On Tue, Aug 25, 2009 at 12:30 PM, Dmitriy Sintsov<questpc(a)rambler.ru> wrote:
For every invocation of the same article with any
action that produces
HTML output.
That's wrong. The canonical version of a page must be a page with
substantially identical content. Edit pages serve totally different
HTML; rel=canonical pointing to the article will just be ignored by
search engines. See here for a discussion of how rel=canonical works:
http://googlewebmastercentral.blogspot.com/2009/02/specify-your-canonical.h…
Note, e.g., "We allow slight differences, e.g., in the sort order of a
table of products. We also recognize that we may crawl the canonical
and the duplicate pages at different points in time, so we may
occasionally see different versions of your content." Totally
different content, no.
Wouldn't the action=edit be indexed by robots when
we have no proper
robots.txt? Or, there will be meta noindex, nofollow in the head of such
page?
Yes, we set noindex on edit pages.
Anyway, it seems that Yandex crawler doesn't like
the meta noindex
rules in the header of the page, giving an error (warning) message in
the stats of their webmaster tools.
What does the warning say? Ideally, of course, you should ban them in
robots.txt, so the search engine doesn't have to bother fetching the
URL.
I've thought that the purpose of
canonical link is to threat the multiple actions of the page as the
single page to the web indexer, thus, improving the ranks.

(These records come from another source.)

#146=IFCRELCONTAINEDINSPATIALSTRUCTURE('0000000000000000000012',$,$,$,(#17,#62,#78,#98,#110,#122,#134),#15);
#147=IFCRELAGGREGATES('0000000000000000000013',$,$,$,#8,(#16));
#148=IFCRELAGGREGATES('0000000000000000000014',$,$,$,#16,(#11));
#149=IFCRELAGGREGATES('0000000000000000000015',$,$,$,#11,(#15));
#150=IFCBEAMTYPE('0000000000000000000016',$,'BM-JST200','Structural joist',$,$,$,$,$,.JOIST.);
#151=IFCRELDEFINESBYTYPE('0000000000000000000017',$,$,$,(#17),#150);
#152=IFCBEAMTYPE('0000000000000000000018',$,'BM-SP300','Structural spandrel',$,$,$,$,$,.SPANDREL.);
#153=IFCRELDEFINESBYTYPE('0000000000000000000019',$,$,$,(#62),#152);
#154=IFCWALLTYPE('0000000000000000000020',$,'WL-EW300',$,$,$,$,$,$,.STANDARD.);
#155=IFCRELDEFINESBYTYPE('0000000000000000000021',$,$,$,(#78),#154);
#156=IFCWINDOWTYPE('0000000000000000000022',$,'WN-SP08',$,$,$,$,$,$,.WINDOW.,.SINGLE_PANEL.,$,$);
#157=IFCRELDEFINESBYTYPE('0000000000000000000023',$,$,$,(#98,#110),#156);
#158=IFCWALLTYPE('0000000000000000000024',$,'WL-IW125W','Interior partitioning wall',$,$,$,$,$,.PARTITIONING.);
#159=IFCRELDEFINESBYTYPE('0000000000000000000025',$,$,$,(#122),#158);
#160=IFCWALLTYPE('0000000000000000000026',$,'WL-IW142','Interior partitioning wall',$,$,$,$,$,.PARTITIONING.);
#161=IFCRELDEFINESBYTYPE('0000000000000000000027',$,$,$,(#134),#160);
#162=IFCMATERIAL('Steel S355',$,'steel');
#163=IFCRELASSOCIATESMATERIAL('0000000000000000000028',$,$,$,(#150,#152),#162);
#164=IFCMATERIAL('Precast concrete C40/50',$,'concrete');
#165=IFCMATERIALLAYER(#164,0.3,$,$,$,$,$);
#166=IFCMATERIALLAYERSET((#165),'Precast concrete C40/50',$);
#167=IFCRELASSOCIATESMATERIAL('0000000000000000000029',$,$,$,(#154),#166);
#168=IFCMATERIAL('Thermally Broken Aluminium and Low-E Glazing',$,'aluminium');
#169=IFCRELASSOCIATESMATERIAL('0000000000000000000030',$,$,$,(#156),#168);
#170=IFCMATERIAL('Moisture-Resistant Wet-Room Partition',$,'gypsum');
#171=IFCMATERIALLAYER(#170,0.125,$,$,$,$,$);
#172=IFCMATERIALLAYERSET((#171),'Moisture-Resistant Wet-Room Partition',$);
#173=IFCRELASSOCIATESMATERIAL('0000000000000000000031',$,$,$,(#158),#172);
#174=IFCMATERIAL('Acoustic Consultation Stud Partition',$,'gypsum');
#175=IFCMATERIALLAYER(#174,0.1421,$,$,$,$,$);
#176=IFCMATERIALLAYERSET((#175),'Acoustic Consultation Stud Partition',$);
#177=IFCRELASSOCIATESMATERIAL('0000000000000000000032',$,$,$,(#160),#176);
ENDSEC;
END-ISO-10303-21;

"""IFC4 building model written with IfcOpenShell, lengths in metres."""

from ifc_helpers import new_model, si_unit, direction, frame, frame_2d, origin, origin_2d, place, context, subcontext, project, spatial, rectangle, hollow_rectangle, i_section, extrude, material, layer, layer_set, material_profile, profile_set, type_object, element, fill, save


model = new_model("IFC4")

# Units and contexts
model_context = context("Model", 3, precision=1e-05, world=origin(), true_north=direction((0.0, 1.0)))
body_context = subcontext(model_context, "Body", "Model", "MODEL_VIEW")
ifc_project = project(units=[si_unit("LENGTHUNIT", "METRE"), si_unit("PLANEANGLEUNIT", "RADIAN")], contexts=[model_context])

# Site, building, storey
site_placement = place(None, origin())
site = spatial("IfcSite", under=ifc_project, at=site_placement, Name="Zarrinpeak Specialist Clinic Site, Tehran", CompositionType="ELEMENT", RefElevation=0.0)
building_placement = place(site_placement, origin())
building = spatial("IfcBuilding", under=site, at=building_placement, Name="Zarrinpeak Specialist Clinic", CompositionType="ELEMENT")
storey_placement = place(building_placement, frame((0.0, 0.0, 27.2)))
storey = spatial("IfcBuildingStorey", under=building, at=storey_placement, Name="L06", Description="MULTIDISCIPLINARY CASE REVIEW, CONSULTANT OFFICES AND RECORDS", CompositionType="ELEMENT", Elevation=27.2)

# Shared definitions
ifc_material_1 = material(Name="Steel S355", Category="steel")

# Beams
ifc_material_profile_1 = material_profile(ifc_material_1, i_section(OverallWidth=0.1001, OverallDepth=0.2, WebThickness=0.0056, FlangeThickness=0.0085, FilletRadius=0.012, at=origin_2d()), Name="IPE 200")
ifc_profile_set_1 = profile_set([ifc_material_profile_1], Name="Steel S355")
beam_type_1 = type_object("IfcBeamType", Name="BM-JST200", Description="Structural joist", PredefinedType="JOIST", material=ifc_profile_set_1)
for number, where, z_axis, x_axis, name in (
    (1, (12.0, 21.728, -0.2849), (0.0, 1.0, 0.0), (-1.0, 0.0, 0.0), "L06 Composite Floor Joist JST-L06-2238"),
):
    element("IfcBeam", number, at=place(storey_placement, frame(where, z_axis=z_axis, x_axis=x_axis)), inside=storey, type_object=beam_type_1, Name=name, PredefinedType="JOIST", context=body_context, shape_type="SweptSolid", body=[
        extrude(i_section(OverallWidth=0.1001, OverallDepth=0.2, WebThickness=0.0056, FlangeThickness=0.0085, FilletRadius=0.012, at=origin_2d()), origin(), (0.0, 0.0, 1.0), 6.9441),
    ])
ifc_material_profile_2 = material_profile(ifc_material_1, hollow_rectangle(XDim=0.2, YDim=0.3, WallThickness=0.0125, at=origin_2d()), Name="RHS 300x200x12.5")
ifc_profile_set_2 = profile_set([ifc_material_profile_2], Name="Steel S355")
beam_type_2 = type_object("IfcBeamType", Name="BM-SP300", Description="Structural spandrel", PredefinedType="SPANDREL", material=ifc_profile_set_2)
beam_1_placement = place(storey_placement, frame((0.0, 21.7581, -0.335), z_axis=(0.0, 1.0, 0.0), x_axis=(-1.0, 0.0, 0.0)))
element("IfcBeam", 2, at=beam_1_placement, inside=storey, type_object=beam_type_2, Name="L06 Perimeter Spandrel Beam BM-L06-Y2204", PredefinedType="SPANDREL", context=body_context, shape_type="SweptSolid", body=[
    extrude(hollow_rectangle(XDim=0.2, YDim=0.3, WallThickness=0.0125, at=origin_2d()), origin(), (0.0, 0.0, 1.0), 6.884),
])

The purpose is to tell search engines which URL you'd prefer them to
present to users, if the same content is being served under multiple
URLs. It is not meant to artificially inflate rankings by counting
unindexed pages as contributing to some entirely different page of
your choosing, and using it that way won't actually work. Since
search engines were already using heuristics to identify duplicate
content, and might well continue to use those exact same heuristics to
validate rel=canonical, it might not improve rankings at all.